Hi everyone I had a good long walk yesterday ! I brought my cell with me and called my sister Kathleen . We had been playing phone tag for days, we don't talk very often and she lives far away from me so I new it would be a long conversation in which case I  which case I ended up walking twice as long as usual probably about 2 miles . A good walk for me since I have not been walking very much since last spring . 

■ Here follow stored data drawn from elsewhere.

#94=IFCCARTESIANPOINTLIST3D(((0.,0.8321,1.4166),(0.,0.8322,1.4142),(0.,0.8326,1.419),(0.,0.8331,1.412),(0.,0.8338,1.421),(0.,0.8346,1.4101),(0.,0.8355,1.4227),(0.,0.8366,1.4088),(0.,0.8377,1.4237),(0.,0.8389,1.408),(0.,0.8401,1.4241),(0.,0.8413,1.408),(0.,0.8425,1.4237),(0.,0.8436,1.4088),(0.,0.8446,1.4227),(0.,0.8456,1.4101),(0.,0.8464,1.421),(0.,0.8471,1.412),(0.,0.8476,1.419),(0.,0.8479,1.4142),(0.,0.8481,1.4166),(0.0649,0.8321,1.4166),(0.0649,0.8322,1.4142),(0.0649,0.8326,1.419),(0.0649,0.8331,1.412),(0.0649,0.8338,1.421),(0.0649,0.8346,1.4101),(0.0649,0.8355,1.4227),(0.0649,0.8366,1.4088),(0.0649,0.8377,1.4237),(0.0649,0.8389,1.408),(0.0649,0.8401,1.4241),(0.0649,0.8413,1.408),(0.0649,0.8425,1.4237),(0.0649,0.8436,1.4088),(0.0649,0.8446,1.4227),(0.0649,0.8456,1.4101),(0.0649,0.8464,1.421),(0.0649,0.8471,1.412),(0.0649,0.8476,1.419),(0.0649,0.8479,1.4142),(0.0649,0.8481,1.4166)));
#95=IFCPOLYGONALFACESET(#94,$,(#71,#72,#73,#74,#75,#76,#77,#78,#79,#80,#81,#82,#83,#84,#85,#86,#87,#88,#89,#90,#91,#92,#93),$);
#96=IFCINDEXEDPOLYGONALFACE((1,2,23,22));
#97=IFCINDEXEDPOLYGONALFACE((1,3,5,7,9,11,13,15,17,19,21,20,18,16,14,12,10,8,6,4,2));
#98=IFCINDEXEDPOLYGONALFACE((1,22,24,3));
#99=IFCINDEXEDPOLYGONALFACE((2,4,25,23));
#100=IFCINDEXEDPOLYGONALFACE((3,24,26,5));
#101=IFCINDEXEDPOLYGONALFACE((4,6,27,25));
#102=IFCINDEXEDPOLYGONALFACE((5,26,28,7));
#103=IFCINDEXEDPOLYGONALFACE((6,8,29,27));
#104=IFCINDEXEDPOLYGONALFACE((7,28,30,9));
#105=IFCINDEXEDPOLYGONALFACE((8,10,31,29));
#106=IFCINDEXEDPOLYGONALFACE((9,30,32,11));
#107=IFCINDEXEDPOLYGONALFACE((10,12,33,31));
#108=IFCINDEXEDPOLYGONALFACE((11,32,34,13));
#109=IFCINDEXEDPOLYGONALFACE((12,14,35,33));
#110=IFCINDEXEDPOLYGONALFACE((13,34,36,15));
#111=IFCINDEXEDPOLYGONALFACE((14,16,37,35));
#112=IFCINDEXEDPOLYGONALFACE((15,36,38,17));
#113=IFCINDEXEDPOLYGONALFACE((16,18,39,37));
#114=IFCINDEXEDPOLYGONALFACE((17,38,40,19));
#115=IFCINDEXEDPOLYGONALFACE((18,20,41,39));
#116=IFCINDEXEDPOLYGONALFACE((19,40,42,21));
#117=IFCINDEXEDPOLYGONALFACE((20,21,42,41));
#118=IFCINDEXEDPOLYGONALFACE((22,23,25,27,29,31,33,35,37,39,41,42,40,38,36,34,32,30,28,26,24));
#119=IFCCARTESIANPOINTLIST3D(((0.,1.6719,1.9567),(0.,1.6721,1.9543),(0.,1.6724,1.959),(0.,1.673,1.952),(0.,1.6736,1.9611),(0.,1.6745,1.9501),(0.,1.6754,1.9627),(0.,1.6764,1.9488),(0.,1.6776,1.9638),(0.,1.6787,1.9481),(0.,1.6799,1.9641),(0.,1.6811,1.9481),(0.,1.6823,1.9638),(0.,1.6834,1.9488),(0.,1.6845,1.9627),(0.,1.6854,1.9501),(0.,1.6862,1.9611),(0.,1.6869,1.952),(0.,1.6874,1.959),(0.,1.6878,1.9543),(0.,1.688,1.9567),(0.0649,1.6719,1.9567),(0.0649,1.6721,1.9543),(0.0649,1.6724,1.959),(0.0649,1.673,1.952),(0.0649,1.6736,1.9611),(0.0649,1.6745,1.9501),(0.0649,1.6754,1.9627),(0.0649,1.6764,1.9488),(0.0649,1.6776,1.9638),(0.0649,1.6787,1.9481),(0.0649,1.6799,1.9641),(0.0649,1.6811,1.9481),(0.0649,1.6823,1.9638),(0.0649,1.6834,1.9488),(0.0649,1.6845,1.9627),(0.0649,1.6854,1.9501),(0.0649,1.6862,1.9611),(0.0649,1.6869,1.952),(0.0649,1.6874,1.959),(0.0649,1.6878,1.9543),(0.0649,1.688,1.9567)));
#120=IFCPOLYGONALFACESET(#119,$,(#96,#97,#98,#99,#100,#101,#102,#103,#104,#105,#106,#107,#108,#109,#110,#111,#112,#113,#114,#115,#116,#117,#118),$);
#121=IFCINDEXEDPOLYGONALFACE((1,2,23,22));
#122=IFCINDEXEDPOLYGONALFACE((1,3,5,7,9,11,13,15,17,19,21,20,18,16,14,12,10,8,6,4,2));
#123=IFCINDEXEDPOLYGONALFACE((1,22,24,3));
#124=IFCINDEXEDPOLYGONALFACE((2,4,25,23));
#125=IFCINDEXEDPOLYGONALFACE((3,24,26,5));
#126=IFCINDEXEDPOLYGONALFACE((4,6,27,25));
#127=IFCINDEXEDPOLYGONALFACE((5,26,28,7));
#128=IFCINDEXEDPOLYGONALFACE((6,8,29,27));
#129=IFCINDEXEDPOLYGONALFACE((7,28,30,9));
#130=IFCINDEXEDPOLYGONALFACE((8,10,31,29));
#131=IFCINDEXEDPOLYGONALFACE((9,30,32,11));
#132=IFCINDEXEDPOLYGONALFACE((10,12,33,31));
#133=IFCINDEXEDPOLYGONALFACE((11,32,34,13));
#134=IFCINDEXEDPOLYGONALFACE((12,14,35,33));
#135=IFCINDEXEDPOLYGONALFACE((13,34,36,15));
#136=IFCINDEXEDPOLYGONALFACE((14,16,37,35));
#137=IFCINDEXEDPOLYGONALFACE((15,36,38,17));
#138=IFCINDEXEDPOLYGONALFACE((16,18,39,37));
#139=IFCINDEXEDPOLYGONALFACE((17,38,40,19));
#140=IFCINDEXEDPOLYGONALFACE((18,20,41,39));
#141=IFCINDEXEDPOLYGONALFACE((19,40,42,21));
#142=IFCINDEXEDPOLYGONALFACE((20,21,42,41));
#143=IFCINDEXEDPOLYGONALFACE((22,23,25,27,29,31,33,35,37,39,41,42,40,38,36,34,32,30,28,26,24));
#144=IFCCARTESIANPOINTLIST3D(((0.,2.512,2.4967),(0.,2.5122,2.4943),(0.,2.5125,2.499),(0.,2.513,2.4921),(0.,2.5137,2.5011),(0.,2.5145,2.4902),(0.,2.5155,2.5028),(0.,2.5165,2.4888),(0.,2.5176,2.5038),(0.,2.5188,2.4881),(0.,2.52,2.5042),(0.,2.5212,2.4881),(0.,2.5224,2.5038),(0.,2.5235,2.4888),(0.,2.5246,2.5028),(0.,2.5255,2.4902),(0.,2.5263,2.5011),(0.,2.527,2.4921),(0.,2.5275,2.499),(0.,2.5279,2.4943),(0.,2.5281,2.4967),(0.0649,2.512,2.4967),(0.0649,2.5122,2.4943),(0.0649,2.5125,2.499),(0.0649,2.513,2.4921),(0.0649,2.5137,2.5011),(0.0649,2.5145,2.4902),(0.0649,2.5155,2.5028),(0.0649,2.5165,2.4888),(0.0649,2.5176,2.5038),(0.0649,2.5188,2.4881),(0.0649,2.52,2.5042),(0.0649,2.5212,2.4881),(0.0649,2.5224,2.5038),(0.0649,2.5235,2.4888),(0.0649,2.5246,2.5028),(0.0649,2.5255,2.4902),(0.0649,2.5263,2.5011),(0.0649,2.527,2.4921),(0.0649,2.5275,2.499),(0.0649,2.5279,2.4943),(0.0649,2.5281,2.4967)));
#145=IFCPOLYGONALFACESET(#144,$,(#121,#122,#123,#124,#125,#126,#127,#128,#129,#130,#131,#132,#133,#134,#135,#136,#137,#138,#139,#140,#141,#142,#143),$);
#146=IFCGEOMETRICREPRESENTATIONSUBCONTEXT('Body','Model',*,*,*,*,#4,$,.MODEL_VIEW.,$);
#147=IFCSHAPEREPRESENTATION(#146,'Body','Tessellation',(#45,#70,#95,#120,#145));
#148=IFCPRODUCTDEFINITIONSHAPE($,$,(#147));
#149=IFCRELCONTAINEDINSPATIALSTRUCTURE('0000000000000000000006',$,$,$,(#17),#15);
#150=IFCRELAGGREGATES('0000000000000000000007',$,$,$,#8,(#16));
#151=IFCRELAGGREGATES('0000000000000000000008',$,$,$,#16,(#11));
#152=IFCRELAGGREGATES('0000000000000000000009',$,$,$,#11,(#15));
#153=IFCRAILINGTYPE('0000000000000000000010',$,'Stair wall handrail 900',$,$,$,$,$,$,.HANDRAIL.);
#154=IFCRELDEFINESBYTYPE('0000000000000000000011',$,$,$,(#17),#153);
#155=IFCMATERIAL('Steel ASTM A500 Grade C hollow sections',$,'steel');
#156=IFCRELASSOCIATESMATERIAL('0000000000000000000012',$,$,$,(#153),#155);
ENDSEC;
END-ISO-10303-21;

Did you I had or have Lyme disease for the second time in the past 3 years ? I have been having chronic fatigue  and such awful weakness I have waves of weakness constantly rushing through my body that is the only way i can describe it. Took an antibiotic for 21 days and then according to the CDC Lyme should be gone . I believe the doctors are between a rock and a hard place because the CDC will not acknowledge chronic Lyme disease therefore neither will the insurance companies and if a Doctor continues to treat Lyme he/she will risk losing  there license to practice .   It is a very complex issue and leaves many of us with Lyme Disease with no where to turn for help .For those of us on a fixed income we can't go to the LLMD's who don't take medicare and they are hard to find ...none in my area . I have also been having pretty major digestive issues . I now turn to food as medicine lots of info online and keeping ones body moving is an important part of natural healing . 

I truly have to force myself to walk I have even slowed way down on gardening and not because it is fall the flowers and veggies are still going but my motivation to move is very slowed down .

I am counting on you to help keep me going ! 

  Today I have vacuumed my room , bathroom and hallway so far I am waiting for my friend karen to return with the car so i can go to the river and take a walk . Meanwhile I will bake my spaghetti squash .

Giulia‌ I hope you feel better what is causing your pain ? And Sharon shashort   it really does feel great to get into a smaller size again congrats  to you !   

JACKIE1-25-15
Member

Well MOVERS  I have completed all of my 4 challenges this week.  TGIF Went out with a bang at Senior MOVERS.  Got there late on did 15 min of cardio or less.  But did my walk and run and yoga for a total 2 hr 13 min workout.  Have already stepped 9,578 already today.  I am going to relax for the remainder of the day.  "I think".  Working on some new recipes for the week.   One step at a time.